Of course blaming Democrats and marginalized people is nothing new. These have been dominant themes of political discourse in our country for a long, long time. What's different and radically dangerous here is that something has been added to THE WAY this is being done.
Yes - the RNC 2020 is hashing out many themes that overlap with RNCs of the past. But this year, and indeed with Trump's presidency of the past four years, the real work is in continuing to decrease the viewer's capacity to think and question, and to prepare them to fight as a method for reclaiming their sense of dignity and adequacy.
Political commentators on various news networks like CNN and MSNBC question how Republican speakers could possibly expect the average American to consume their obvious contradictions. "I don't know how they think they're going to win the election if they don't make a more convincing case," they say.
They're missing the point. The RNC is not predominantly about picking up votes or rallying the electorate. It's about priming people for living in society with a radically different type of government. The political commentators are right to notice that the RNC is not really attempting to speak to all of us, but they're wrong when they imagine that by doing so the Republicans are decreasing their chances at maintaining power. That they're not attempting to speak to all of us is what makes this RNC so dangerous. It's setting the stage for violence come November. It's irresponsible for the media not to name this.
One of the most powerful pieces of propaganda ever produced was a 1935 film called Triumph of the Will. Even though it was a Nazi propaganda piece made after numerous political murders by the Nazis, it is still among the most widely admired propaganda films of all time. It's such a powerful film that, according to Wikipedia, you are not allowed to show it in Germany today without providing some educational context to protect against the possibility that it might appeal to dormant fascist sensibilities.

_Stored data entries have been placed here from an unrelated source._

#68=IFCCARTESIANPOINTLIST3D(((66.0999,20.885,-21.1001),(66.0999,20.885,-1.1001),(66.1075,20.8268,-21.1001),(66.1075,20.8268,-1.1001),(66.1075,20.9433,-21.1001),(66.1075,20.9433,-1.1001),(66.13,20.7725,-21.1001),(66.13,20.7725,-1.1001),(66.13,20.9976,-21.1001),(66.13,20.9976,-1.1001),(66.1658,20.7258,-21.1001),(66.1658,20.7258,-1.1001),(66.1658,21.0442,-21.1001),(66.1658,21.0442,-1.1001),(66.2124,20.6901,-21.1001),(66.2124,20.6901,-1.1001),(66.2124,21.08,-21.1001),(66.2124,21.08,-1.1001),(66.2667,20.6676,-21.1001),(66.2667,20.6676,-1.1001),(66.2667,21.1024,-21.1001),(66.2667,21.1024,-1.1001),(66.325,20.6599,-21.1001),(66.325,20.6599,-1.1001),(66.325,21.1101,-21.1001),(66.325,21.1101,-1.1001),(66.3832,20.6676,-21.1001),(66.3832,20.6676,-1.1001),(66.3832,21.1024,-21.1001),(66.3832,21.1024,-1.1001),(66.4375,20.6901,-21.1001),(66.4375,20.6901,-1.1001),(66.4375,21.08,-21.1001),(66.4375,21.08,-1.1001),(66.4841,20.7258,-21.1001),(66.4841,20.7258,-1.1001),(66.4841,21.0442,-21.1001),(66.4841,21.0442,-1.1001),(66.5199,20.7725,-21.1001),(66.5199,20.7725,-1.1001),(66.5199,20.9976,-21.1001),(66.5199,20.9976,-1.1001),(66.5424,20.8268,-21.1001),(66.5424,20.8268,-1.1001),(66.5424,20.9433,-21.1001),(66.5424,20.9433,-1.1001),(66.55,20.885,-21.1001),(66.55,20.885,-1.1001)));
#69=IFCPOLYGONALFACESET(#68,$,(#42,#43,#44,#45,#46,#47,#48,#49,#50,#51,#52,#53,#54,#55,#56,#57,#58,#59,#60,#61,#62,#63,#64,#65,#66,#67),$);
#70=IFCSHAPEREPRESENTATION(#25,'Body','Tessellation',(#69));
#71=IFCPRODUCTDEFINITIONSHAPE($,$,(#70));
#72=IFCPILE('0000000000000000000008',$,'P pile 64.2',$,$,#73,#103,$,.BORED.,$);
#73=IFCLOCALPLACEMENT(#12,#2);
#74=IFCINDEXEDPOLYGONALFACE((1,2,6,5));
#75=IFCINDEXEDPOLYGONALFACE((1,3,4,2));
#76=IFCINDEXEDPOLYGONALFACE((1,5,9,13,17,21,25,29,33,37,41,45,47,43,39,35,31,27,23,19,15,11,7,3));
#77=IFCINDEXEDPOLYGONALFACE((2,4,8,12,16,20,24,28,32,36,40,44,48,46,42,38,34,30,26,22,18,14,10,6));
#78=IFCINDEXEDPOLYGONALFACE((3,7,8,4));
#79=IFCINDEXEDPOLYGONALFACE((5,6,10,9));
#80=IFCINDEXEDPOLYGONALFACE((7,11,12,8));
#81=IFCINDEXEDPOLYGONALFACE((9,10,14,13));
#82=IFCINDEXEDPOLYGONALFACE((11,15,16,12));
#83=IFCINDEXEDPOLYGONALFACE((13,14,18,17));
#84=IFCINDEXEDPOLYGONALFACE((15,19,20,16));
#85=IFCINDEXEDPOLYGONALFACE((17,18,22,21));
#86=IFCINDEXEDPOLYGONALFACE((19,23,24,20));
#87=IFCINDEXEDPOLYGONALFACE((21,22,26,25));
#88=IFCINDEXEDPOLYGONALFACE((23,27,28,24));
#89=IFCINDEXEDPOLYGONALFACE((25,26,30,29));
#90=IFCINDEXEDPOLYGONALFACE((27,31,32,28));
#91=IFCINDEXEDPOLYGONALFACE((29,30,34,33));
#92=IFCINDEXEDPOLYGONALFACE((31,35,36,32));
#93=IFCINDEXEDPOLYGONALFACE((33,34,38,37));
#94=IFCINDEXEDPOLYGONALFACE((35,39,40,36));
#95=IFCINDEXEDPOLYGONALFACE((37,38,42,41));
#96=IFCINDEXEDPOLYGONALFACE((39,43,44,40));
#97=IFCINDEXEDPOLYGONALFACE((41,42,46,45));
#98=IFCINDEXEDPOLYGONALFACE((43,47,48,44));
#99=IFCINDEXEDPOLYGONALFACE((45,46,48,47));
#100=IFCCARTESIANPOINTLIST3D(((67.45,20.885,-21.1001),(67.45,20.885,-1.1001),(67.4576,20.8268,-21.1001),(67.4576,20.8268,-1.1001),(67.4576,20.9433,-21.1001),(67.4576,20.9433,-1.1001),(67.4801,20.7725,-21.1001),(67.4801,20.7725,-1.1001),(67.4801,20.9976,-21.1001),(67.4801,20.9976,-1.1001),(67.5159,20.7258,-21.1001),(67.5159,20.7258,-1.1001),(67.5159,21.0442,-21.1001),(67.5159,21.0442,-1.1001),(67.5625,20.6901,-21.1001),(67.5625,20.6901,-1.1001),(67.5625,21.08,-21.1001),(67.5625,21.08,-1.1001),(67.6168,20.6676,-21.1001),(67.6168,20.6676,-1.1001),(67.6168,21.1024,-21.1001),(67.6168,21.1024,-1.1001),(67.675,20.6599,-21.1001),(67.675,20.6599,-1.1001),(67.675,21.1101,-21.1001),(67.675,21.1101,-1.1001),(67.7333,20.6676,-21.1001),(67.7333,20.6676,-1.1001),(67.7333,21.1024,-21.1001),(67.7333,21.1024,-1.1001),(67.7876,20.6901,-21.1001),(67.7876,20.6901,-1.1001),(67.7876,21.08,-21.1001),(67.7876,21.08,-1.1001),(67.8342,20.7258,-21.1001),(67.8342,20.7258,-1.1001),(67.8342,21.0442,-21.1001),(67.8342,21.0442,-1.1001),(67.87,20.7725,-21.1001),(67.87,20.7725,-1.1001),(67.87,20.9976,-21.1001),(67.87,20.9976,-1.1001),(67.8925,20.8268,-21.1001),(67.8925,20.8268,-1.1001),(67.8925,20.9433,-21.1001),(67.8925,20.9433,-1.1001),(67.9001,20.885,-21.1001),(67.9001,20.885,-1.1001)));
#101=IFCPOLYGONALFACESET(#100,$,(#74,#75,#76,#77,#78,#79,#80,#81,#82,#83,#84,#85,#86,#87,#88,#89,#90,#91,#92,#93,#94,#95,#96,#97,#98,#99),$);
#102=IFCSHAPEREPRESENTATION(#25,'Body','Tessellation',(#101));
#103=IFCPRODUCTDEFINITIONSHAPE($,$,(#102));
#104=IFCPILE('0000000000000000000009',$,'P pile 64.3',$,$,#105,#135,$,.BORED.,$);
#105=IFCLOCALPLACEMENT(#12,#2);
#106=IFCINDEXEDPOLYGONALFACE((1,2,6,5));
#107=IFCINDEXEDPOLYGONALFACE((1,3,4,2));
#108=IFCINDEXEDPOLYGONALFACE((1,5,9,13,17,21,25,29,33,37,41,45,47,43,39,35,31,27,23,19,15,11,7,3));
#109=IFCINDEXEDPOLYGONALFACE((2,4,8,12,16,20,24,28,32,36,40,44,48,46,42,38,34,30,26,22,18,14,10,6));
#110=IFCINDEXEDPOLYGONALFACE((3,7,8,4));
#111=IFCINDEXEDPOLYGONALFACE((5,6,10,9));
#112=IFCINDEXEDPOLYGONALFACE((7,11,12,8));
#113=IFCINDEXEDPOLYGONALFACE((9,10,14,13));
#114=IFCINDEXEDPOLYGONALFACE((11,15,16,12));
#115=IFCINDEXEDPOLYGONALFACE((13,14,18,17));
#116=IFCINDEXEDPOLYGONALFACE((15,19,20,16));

In The Violence of Organized Forgetting, Henry Giroux teaches us that historical memory is among the most potent antidotes to political and ideological terrorism. The problem is that there are forces at work encouraging us, at virtually every opportunity, to forget.
The overt themes of racism, nationalism, militarism, and doublethink make the spectacle of this year's RNC extremely exciting to a great many people hurting from the unchecked whirlwind of economic and cultural change. I suspect viewing it even alters brain chemistry and plays off of the addictive quality of other contemptuous, fear-based media outlets. A healthier society would, like Germany, offer en masse some educational context to viewers for exactly what's going on here, and exactly what it may portend for November.